The watch, I mean, represented a course of action. I recall how its high price impressed me that morning, and I was unsure whether it was due to the watch’s quality or its rarity. Of course, if such an object was to be distinctive, it had also to be a bit expensive, because if it were cheap that would declare its uselessness. I could say a great deal more about the cigarette lighter and the binoculars, in particular I could say that they, unlike the watch, are objects that offer no lessons, despite being excellent heirlooms. A family such as mine, which came out of that void an ocean away, knowing nothing of its history beyond a few decades back, will suddenly in the future have tangible proof of an almost deep past, in objects that will condense the history of individuals and bodies. It could be amazing. And I thought, all thanks to these three objects. In my younger days as a smoker I used to use my grandfather’s cigarette lighter. From time to time, I still use my father’s binoculars, but mostly I periodically open the leather case, which over time has become so thin it’s like dried-out paper about to crumble.
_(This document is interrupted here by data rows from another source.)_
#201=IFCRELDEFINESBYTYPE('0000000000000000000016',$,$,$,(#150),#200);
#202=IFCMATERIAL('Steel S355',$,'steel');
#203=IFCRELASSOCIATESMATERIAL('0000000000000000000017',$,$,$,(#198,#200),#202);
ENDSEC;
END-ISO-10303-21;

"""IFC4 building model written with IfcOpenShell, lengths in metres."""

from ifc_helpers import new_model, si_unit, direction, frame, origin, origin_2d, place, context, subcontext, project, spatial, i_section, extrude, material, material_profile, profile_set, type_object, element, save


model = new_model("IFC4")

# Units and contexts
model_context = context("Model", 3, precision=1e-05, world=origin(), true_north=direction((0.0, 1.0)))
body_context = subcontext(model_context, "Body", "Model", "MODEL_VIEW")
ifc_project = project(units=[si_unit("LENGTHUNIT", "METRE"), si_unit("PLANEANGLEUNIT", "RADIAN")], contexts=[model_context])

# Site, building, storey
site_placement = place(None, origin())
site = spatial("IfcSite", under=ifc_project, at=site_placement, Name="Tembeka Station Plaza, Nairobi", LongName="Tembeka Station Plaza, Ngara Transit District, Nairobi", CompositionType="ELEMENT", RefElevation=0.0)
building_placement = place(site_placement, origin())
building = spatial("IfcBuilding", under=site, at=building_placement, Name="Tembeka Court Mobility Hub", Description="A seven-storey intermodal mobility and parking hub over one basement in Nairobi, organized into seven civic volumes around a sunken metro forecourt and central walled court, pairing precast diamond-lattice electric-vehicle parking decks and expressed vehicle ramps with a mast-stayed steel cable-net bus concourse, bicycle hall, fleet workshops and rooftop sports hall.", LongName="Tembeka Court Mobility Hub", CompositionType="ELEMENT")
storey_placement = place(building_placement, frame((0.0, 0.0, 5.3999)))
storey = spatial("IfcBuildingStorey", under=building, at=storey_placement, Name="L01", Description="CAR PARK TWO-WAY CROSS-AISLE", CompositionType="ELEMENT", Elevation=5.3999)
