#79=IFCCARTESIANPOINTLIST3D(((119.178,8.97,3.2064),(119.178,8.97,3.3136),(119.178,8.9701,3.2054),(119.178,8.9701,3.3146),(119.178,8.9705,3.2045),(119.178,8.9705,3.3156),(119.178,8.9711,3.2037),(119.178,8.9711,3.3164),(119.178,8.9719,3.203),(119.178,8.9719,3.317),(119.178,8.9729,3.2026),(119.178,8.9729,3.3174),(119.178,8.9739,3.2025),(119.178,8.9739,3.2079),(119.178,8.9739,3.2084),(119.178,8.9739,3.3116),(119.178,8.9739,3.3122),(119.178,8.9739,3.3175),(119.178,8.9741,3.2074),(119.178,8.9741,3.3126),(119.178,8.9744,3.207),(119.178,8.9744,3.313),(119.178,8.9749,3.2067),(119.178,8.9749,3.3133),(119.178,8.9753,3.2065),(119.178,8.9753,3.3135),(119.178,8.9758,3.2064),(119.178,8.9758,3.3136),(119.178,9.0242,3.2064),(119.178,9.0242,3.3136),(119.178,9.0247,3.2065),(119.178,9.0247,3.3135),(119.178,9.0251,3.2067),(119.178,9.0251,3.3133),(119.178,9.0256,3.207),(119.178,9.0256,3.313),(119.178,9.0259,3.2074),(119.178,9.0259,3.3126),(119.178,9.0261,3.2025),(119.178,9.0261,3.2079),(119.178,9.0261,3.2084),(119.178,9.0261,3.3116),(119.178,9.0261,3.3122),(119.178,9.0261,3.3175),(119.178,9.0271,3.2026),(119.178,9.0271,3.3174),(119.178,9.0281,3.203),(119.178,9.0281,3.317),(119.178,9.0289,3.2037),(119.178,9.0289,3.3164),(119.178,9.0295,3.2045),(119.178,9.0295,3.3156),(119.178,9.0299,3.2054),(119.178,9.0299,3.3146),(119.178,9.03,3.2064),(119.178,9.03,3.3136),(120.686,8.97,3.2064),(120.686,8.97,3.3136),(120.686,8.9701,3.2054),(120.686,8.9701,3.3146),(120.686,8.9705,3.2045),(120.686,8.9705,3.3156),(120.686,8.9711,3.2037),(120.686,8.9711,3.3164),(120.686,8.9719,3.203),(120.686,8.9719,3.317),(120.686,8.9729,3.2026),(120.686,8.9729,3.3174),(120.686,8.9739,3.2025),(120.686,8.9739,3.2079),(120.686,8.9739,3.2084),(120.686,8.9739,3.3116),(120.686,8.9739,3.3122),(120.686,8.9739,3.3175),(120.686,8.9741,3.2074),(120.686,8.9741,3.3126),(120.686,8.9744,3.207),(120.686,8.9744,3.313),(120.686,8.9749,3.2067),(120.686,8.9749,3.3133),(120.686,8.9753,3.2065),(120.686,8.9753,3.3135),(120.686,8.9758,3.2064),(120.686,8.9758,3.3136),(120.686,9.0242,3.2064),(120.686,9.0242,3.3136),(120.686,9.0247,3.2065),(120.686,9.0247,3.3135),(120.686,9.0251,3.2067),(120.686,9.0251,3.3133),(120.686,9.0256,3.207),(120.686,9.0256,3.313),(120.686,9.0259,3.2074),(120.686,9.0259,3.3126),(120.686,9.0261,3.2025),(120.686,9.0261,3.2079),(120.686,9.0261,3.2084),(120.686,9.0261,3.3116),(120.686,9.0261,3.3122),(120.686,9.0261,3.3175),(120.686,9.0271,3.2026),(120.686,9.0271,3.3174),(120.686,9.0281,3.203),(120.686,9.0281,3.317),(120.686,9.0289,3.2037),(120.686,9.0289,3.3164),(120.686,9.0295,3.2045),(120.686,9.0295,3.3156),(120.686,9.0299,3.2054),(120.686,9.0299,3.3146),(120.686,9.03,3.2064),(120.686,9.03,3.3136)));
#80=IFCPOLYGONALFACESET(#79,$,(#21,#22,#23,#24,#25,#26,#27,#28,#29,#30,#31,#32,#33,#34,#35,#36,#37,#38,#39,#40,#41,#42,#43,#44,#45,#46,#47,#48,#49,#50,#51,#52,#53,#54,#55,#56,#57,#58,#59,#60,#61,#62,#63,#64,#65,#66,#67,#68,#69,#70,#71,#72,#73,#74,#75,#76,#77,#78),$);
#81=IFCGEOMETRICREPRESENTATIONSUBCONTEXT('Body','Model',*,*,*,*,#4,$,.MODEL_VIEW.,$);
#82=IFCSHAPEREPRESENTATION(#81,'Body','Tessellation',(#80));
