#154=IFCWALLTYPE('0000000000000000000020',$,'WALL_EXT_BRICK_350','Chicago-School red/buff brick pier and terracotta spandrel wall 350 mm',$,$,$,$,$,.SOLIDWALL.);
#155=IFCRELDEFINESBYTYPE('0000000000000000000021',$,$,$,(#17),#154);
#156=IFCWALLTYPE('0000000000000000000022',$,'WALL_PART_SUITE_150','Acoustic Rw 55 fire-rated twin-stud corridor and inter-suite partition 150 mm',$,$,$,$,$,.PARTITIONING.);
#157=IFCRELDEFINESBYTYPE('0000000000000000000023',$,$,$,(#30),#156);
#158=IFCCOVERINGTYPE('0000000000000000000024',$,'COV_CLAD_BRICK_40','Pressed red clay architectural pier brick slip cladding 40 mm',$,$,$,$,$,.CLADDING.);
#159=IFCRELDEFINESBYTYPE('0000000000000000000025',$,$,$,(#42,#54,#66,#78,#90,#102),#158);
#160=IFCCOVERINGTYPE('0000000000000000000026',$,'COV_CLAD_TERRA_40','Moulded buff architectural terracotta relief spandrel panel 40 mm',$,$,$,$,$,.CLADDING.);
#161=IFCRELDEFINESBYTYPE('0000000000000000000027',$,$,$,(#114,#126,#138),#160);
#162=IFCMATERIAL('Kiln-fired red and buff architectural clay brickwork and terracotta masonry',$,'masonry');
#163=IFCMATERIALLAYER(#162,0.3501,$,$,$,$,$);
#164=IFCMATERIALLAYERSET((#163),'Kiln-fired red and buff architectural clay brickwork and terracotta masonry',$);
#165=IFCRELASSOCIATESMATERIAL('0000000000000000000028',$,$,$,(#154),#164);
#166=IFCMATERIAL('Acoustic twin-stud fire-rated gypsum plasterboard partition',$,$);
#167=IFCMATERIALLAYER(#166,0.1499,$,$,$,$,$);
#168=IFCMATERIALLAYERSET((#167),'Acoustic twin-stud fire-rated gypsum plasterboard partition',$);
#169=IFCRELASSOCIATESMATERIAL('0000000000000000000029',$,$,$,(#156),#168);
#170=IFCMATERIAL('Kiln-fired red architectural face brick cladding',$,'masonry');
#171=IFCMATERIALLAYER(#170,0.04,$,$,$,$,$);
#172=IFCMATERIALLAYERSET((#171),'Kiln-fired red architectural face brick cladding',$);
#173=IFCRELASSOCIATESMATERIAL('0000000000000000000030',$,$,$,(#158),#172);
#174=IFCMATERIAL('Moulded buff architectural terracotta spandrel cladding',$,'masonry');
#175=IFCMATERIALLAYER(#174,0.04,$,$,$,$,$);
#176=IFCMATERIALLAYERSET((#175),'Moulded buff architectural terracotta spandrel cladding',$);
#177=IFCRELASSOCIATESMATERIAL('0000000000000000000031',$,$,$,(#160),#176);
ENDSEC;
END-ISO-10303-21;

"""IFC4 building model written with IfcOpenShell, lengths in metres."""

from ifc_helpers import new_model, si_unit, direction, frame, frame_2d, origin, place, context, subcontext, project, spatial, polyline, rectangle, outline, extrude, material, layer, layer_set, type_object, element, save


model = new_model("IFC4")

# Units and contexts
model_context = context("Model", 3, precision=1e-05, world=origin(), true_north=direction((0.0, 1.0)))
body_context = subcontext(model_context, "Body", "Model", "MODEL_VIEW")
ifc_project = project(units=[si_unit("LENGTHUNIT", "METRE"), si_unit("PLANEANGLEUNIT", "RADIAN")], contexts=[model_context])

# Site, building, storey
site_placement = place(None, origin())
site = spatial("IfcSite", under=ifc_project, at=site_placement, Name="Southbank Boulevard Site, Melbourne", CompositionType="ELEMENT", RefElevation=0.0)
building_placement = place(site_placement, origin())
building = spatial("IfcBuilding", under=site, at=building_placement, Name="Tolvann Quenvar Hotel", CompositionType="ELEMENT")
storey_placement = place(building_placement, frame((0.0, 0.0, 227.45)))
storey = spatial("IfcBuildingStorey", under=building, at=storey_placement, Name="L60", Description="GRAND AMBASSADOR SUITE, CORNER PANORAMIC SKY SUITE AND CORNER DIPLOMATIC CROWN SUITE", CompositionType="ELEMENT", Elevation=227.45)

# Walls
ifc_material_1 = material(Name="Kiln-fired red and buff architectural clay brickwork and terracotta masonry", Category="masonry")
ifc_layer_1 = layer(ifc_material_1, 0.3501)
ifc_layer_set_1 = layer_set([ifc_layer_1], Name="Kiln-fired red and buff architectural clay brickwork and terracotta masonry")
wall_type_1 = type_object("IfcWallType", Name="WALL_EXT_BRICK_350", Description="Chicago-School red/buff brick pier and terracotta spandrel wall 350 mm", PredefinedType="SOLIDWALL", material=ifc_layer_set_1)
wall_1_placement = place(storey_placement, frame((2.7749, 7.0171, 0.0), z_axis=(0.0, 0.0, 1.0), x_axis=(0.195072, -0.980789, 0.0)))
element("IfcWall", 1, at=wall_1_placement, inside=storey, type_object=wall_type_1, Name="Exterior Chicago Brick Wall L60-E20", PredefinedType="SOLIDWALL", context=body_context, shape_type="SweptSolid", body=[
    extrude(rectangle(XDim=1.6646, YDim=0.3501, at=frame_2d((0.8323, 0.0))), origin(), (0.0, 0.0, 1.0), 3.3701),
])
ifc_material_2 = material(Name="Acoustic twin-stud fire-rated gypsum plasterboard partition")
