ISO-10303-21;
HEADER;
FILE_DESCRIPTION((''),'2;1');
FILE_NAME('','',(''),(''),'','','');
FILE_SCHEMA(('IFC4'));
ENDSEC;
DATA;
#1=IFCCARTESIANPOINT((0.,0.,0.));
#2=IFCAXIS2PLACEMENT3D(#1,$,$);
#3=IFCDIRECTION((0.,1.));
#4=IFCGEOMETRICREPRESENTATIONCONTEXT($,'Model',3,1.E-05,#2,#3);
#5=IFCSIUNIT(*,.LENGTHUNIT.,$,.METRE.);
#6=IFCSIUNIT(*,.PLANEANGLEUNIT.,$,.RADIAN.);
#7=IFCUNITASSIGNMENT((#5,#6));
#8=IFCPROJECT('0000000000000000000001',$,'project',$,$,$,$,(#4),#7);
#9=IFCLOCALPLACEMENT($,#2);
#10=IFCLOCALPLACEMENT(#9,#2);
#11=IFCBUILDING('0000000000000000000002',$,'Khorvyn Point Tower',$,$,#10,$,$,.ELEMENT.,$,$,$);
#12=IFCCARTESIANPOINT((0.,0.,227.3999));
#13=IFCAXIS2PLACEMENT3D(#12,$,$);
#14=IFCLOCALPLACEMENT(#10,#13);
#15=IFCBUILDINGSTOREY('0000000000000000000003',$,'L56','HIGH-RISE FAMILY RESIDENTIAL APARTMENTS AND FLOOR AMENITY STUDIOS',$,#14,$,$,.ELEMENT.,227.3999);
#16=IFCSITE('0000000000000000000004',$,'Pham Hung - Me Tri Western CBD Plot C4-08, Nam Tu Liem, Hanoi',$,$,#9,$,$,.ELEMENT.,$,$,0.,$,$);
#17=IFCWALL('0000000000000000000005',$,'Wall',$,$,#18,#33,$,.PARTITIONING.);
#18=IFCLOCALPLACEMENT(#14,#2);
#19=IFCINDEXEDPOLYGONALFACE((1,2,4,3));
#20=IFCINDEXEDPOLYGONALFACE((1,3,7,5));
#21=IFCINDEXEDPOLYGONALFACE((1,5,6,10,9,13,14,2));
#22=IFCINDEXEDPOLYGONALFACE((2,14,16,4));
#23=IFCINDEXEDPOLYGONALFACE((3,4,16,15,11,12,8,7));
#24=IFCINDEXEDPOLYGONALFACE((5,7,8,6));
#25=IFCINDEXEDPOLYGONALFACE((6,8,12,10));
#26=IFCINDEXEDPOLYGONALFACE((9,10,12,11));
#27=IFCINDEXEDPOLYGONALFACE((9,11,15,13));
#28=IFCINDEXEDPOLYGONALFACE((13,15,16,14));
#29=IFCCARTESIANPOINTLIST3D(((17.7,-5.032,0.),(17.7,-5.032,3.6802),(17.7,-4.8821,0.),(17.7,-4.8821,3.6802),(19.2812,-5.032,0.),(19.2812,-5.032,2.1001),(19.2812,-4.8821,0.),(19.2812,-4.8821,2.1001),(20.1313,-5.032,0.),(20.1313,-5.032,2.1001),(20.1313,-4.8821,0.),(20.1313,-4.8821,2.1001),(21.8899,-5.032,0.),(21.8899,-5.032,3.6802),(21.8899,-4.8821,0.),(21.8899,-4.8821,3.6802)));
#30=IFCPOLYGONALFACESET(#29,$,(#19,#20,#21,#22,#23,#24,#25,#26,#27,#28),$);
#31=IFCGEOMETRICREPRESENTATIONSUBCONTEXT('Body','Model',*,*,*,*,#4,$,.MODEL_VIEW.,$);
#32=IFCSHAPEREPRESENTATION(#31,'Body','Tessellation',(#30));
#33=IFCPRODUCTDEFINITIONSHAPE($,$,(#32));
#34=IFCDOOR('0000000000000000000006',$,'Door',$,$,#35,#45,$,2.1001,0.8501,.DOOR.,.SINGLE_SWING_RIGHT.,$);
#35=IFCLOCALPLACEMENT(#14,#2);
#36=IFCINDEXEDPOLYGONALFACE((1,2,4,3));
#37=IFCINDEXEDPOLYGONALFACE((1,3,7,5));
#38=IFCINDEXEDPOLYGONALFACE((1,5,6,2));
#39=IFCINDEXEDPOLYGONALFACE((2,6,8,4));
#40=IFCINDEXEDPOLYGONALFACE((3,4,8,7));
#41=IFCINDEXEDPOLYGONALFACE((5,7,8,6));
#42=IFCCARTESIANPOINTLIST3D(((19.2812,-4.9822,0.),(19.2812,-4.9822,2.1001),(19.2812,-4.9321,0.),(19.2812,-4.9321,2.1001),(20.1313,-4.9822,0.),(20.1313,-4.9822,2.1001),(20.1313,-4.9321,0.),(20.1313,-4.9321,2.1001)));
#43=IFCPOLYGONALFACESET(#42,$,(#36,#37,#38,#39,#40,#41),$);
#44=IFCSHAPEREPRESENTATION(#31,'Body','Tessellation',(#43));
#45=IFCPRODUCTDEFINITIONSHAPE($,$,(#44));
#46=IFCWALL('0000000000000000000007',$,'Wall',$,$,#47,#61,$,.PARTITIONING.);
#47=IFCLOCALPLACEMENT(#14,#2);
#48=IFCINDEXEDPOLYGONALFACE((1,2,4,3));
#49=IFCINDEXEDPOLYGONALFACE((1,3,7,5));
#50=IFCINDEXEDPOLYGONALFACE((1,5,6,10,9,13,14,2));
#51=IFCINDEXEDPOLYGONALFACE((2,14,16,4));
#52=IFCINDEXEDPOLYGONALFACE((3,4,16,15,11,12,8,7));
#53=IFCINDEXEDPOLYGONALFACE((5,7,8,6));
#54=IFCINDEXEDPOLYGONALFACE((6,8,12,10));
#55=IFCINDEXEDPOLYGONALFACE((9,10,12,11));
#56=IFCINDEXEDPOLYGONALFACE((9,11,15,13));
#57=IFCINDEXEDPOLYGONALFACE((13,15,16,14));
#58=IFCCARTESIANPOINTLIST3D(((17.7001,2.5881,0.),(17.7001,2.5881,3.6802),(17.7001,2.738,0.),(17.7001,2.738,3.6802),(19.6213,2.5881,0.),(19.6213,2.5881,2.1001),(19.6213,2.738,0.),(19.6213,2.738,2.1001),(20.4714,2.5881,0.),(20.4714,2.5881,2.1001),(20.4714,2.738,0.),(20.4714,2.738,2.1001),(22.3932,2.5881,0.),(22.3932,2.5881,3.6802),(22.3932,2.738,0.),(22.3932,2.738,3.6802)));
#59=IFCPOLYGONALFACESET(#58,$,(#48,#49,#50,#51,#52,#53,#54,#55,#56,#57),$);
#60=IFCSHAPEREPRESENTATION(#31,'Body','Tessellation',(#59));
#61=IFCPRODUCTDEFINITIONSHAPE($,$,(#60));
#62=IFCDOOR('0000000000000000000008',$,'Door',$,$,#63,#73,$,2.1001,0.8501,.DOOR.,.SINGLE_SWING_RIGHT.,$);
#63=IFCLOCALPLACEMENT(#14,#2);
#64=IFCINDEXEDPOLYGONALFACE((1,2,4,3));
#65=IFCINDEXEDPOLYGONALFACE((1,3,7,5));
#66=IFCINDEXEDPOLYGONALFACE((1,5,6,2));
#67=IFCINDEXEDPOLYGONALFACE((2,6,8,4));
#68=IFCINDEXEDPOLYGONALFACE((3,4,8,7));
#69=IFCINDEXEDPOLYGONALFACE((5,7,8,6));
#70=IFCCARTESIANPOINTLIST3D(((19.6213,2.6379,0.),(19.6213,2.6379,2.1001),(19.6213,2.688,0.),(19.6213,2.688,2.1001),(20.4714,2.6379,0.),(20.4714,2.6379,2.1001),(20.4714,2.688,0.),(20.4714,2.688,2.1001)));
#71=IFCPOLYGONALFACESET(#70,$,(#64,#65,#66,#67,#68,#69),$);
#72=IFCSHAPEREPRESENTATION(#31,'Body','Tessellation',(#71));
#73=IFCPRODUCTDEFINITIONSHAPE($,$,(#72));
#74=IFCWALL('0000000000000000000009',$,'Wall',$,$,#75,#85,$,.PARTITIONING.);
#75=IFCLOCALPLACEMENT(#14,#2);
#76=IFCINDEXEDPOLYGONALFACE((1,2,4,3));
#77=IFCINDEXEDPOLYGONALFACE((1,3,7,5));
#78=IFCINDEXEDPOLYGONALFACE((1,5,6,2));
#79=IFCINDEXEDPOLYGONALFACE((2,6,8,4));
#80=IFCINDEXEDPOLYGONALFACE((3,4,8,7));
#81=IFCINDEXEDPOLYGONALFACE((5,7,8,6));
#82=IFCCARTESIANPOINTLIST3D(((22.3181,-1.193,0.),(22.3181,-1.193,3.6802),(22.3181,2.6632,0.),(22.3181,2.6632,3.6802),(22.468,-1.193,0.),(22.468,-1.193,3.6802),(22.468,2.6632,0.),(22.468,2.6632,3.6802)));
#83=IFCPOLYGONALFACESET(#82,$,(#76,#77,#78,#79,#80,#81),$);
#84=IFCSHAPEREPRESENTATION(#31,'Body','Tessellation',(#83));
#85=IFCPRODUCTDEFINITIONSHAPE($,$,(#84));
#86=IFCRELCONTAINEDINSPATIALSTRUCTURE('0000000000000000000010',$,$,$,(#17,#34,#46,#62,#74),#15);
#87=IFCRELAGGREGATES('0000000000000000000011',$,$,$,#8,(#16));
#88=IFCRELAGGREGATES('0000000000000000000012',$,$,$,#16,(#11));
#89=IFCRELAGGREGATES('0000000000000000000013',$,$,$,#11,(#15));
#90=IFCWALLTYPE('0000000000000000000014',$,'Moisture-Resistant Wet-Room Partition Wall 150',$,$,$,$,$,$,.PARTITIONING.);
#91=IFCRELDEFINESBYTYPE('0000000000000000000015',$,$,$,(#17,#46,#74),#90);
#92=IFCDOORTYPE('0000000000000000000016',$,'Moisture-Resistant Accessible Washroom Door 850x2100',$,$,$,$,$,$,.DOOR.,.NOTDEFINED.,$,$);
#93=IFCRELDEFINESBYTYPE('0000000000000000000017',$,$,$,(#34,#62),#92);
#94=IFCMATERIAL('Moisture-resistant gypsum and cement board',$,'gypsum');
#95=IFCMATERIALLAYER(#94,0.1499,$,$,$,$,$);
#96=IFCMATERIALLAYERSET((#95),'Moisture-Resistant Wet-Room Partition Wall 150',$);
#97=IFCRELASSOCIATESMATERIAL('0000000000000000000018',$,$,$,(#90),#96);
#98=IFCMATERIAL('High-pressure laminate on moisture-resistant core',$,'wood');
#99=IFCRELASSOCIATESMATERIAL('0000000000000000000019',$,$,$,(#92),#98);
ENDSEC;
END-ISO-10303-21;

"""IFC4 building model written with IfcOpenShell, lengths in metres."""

from ifc_helpers import new_model, si_unit, direction, frame, frame_2d, origin, place, context, subcontext, project, spatial, rectangle, extrude, material, layer, layer_set, type_object, element, fill, save


model = new_model("IFC4")

# Units and contexts
model_context = context("Model", 3, precision=1e-05, world=origin(), true_north=direction((0.0, 1.0)))
body_context = subcontext(model_context, "Body", "Model", "MODEL_VIEW")
ifc_project = project(units=[si_unit("LENGTHUNIT", "METRE"), si_unit("PLANEANGLEUNIT", "RADIAN")], contexts=[model_context])

# Site, building, storey
site_placement = place(None, origin())
site = spatial("IfcSite", under=ifc_project, at=site_placement, Name="Pham Hung - Me Tri Western CBD Plot C4-08, Nam Tu Liem, Hanoi", CompositionType="ELEMENT", RefElevation=0.0)
building_placement = place(site_placement, origin())
building = spatial("IfcBuilding", under=site, at=building_placement, Name="Khorvyn Point Tower", CompositionType="ELEMENT")
storey_placement = place(building_placement, frame((0.0, 0.0, 227.3999)))
storey = spatial("IfcBuildingStorey", under=building, at=storey_placement, Name="L56", Description="HIGH-RISE FAMILY RESIDENTIAL APARTMENTS AND FLOOR AMENITY STUDIOS", CompositionType="ELEMENT", Elevation=227.3999)

# Walls, openings, doors
ifc_material_1 = material(Name="Moisture-resistant gypsum and cement board", Category="gypsum")
ifc_layer_1 = layer(ifc_material_1, 0.1499)
ifc_layer_set_1 = layer_set([ifc_layer_1], Name="Moisture-Resistant Wet-Room Partition Wall 150")
wall_type_1 = type_object("IfcWallType", Name="Moisture-Resistant Wet-Room Partition Wall 150", PredefinedType="PARTITIONING", material=ifc_layer_set_1)
wall_1_placement = place(storey_placement, frame((17.7, -4.957, 0.0), z_axis=(0.0, 0.0, 1.0), x_axis=(1.0, 0.0, 0.0)))
wall_1 = element("IfcWall", 1, at=wall_1_placement, inside=storey, type_object=wall_type_1, Name="Wall", PredefinedType="PARTITIONING", context=body_context, shape_type="SweptSolid", body=[
    extrude(rectangle(XDim=4.1899, YDim=0.1499, at=frame_2d((2.095, 0.0))), origin(), (0.0, 0.0, 1.0), 3.6802),
])
opening_1_placement = place(wall_1_placement, frame((1.5813, 0.0, 0.0)))
opening_1 = element("IfcOpeningElement", 2, at=opening_1_placement, cuts=wall_1, PredefinedType="OPENING", context=body_context, shape_type="SweptSolid", body=[
    extrude(rectangle(XDim=0.8501, YDim=2.1001, at=frame_2d((0.425, 1.05))), frame((0.0, 0.085, 0.0), z_axis=(0.0, -1.0, 0.0), x_axis=(1.0, 0.0, 0.0)), (0.0, 0.0, 1.0), 0.1699),
])
ifc_material_2 = material(Name="High-pressure laminate on moisture-resistant core", Category="wood")
door_type_1 = type_object("IfcDoorType", Name="Moisture-Resistant Accessible Washroom Door 850x2100", OperationType="NOTDEFINED", PredefinedType="DOOR", material=ifc_material_2)
door_1_placement = place(opening_1_placement, origin())
door_1 = element("IfcDoor", 3, at=door_1_placement, inside=storey, type_object=door_type_1, Name="Door", OperationType="SINGLE_SWING_RIGHT", OverallHeight=2.1001, OverallWidth=0.8501, PredefinedType="DOOR", context=body_context, shape_type="SweptSolid", body=[
    extrude(rectangle(XDim=0.8501, YDim=2.1001, at=frame_2d((0.425, 1.05))), frame((0.0, 0.0249, 0.0), z_axis=(0.0, -1.0, 0.0), x_axis=(1.0, 0.0, 0.0)), (0.0, 0.0, 1.0), 0.05),
])
fill(opening_1, door_1)
wall_2_placement = place(storey_placement, frame((17.7, 2.6631, 0.0), z_axis=(0.0, 0.0, 1.0), x_axis=(1.0, 0.0, 0.0)))
wall_2 = element("IfcWall", 4, at=wall_2_placement, inside=storey, type_object=wall_type_1, Name="Wall", PredefinedType="PARTITIONING", context=body_context, shape_type="SweptSolid", body=[
    extrude(rectangle(XDim=4.6931, YDim=0.1499, at=frame_2d((2.3467, 0.0))), origin(), (0.0, 0.0, 1.0), 3.6802),
])
opening_2_placement = place(wall_2_placement, frame((1.9214, 0.0, 0.0)))
opening_2 = element("IfcOpeningElement", 5, at=opening_2_placement, cuts=wall_2, PredefinedType="OPENING", context=body_context, shape_type="SweptSolid", body=[
    extrude(rectangle(XDim=0.8501, YDim=2.1001, at=frame_2d((0.425, 1.05))), frame((0.0, 0.085, 0.0), z_axis=(0.0, -1.0, 0.0), x_axis=(1.0, 0.0, 0.0)), (0.0, 0.0, 1.0), 0.1699),
])
door_2_placement = place(opening_2_placement, origin())
door_2 = element("IfcDoor", 6, at=door_2_placement, inside=storey, type_object=door_type_1, Name="Door", OperationType="SINGLE_SWING_RIGHT", OverallHeight=2.1001, OverallWidth=0.8501, PredefinedType="DOOR", context=body_context, shape_type="SweptSolid", body=[
    extrude(rectangle(XDim=0.8501, YDim=2.1001, at=frame_2d((0.425, 1.05))), frame((0.0, 0.0249, 0.0), z_axis=(0.0, -1.0, 0.0), x_axis=(1.0, 0.0, 0.0)), (0.0, 0.0, 1.0), 0.05),
])
fill(opening_2, door_2)

# Wall
wall_3_placement = place(storey_placement, frame((22.3931, -1.1931, 0.0), z_axis=(0.0, 0.0, 1.0), x_axis=(0.0, 1.0, 0.0)))
element("IfcWall", 7, at=wall_3_placement, inside=storey, type_object=wall_type_1, Name="Wall", PredefinedType="PARTITIONING", context=body_context, shape_type="SweptSolid", body=[
    extrude(rectangle(XDim=3.8562, YDim=0.1499, at=frame_2d((1.9282, 0.0))), origin(), (0.0, 0.0, 1.0), 3.6802),
])

save(model, "model.ifc")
I take out the binoculars, heft them and inspect them, peer through them, turn the central wheel to focus, and finally stow them away in their case. Curiously, over time this inspection has turned into a ritual that has nonetheless forgotten its referent; I mean, my memories of my father are by now largely distant; I don’t think of him when I take out the binoculars, except as an idea. Not as a living person, with a voice and a certain warmth but, rather, as a figure that person has occupied ever since he abandoned, as they say, this world.